Hans Holbein the Younger, opportunities for commissions…
1532 CE
Hans Holbein the Younger, opportunities for commissions in Basel having dried up, returns in 1532 to London, this time to stay.
His first commissions, such as the portrait of Georg Gisze, come from German businessmen in England, but acquaintanceship with royal minister Thomas Cromwell soon gains him entry to court circles.
Holbein paints this large portrait at the beginning of his second period in England in search of work, and it may be intended as a virtuoso showpiece for his gifts in portraiture and the depiction of objects and textures.
It is the most sumptuous of his series of portraits of mainly German merchants of the Steelyard, a complex of offices, warehouses, and residences on the north bank of the Thames in London.
The merchants, familiar with Holbein's wider reputation, are quick to take advantage of his presence in London.
The Danzig merchant Georg Gisze (or Giese) is shown among the paraphernalia of his trade: money, pen, seal, inkpots, balance, boxes, scissors, keys.
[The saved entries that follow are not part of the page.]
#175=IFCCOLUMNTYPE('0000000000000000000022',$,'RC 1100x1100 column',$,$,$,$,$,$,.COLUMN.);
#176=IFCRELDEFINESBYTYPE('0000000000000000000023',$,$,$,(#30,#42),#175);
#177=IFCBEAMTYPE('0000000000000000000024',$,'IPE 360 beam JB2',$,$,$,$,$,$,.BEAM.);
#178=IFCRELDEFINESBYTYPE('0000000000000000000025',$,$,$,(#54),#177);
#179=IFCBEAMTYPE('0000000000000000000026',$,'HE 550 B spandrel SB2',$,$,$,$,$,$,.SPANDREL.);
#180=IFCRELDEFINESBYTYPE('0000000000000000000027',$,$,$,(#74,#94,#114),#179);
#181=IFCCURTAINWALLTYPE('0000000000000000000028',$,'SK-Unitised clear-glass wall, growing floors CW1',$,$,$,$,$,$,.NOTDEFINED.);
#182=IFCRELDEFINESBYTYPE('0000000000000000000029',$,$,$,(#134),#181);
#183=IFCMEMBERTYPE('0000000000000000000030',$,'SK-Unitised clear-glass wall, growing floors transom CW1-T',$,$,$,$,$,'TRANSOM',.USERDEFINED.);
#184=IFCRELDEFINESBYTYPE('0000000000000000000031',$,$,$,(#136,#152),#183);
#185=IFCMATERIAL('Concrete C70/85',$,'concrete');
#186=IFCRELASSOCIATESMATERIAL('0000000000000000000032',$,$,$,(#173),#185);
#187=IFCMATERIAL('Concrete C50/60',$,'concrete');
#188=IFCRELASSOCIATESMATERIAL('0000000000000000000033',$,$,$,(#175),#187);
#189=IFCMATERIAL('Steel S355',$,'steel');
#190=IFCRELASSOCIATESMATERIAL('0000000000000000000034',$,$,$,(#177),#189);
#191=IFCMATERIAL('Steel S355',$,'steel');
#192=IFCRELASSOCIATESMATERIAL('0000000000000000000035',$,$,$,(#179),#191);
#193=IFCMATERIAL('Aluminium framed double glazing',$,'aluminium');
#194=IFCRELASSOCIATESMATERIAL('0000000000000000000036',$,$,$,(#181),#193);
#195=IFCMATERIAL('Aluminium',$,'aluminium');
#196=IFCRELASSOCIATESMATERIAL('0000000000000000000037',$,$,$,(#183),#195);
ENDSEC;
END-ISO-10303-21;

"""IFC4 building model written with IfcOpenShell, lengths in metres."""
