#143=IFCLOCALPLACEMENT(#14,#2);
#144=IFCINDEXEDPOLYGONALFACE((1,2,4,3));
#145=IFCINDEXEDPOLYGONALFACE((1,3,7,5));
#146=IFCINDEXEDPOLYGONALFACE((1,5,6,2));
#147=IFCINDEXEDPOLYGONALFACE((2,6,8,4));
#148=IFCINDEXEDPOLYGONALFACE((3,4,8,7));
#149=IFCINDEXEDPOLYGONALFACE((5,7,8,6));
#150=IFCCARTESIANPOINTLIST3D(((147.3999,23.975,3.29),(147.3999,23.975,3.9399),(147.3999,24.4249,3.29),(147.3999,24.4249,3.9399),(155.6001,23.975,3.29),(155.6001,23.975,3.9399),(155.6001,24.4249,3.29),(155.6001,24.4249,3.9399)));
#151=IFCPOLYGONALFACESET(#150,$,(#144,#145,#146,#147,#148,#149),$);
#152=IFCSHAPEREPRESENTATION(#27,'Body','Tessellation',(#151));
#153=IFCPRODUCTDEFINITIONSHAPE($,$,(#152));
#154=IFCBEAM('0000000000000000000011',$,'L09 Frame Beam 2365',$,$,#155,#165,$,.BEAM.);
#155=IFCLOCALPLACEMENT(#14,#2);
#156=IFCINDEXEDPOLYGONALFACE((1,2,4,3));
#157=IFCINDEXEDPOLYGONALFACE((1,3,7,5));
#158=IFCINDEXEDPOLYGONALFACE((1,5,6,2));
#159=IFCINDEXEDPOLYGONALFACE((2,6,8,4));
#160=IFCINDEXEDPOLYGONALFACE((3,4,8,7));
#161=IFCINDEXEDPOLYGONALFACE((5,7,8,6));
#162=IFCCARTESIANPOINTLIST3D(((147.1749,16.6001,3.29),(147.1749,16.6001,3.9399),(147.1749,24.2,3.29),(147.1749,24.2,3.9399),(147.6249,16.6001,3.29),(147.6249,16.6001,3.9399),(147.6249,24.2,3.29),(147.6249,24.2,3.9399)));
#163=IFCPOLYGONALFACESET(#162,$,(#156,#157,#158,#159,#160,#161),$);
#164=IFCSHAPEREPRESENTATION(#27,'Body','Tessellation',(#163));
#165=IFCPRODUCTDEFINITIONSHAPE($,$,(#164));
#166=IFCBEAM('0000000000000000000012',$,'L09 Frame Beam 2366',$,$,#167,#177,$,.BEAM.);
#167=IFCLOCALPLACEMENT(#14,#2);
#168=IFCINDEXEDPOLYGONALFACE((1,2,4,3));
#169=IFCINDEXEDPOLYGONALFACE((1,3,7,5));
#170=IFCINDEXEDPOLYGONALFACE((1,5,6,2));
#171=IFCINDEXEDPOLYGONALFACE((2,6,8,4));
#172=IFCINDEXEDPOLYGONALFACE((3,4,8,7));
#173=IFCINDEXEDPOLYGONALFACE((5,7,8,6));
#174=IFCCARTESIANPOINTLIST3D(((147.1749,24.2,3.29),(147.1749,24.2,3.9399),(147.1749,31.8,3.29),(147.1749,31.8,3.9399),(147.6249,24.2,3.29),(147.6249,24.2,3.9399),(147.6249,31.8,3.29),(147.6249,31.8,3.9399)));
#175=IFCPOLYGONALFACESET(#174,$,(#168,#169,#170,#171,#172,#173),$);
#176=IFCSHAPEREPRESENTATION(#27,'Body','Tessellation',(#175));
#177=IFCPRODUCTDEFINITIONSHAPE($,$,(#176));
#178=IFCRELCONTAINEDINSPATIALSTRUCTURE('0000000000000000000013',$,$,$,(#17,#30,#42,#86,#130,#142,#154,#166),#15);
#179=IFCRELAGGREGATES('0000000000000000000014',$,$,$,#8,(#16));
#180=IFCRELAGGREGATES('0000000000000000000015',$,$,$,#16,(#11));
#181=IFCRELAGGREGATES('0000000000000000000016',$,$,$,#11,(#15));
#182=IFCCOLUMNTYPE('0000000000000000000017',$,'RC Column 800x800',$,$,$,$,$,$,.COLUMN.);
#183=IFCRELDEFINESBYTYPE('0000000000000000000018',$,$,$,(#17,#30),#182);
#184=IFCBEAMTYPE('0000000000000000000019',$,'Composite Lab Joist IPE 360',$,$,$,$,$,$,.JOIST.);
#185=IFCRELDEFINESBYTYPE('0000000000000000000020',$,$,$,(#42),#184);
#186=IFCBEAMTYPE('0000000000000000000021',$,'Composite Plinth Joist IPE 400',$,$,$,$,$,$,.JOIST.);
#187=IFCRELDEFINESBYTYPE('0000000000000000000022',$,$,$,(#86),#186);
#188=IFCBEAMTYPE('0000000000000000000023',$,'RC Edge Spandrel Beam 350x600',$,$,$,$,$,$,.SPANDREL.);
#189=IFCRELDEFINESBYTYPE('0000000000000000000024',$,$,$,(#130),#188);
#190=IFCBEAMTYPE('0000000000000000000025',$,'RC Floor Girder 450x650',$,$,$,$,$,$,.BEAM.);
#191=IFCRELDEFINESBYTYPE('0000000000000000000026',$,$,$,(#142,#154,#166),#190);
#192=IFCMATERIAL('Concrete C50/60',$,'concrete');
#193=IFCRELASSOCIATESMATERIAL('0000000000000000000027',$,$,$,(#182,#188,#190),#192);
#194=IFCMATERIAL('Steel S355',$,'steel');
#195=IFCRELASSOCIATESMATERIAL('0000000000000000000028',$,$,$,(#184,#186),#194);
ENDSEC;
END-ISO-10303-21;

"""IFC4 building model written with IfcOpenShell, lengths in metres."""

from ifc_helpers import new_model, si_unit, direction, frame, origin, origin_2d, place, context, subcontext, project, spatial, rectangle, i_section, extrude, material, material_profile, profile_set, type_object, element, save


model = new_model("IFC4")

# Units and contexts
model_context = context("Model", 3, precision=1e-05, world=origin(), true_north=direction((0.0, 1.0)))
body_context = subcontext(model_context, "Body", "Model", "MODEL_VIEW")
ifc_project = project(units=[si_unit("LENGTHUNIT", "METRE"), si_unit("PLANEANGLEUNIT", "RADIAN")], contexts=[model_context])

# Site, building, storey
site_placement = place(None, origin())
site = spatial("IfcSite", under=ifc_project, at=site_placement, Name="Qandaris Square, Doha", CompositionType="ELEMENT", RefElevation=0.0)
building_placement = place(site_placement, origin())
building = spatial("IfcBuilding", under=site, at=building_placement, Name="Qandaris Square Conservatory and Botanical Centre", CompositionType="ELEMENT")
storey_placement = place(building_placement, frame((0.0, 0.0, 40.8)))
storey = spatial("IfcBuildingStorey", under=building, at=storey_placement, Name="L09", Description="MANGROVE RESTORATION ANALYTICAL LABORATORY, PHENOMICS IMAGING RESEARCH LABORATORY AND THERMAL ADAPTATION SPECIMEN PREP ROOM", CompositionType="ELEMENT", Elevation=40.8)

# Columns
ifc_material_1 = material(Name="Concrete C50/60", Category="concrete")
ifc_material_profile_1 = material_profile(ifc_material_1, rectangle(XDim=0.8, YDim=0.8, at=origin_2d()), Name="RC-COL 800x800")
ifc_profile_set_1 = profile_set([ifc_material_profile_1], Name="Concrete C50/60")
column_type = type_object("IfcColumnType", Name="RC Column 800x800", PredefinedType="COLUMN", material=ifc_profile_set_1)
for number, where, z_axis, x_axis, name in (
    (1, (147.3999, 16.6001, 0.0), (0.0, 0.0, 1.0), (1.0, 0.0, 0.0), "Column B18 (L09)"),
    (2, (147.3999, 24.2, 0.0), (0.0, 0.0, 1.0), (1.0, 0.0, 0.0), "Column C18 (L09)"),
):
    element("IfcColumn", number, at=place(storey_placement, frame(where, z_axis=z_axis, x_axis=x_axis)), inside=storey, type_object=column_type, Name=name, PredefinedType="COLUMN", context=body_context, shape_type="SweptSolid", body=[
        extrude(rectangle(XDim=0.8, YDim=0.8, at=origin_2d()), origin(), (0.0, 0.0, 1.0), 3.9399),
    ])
On a table covered with a Turkey rug stands a vase of carnations, perhaps symbolizing his betrothal (Gisze will marry Christine Krüger in Danzig in 1535).
On the surface, the picture appears super-realistic; but on closer inspection it contains a series of deliberate optical paradoxes.
The walls, for example, are not at a right angle, and the table, as shown in the bottom right of the painting, where objects overhang its edge, is not rectangular.
Certain objects on the table are not painted flat to the surface, and the vase and the money tin are precariously positioned.
The overlapping of the book by the note, or cartellino, fixed to the wall by sealing wax, is an optical illusion given the bulk of the book.
The balance hangs unstably from the shelf; and next to it is inscribed Gisze's motto: "Nulla sine merore voluptas" (no pleasure without regret), implying a symbolic connection with the scales.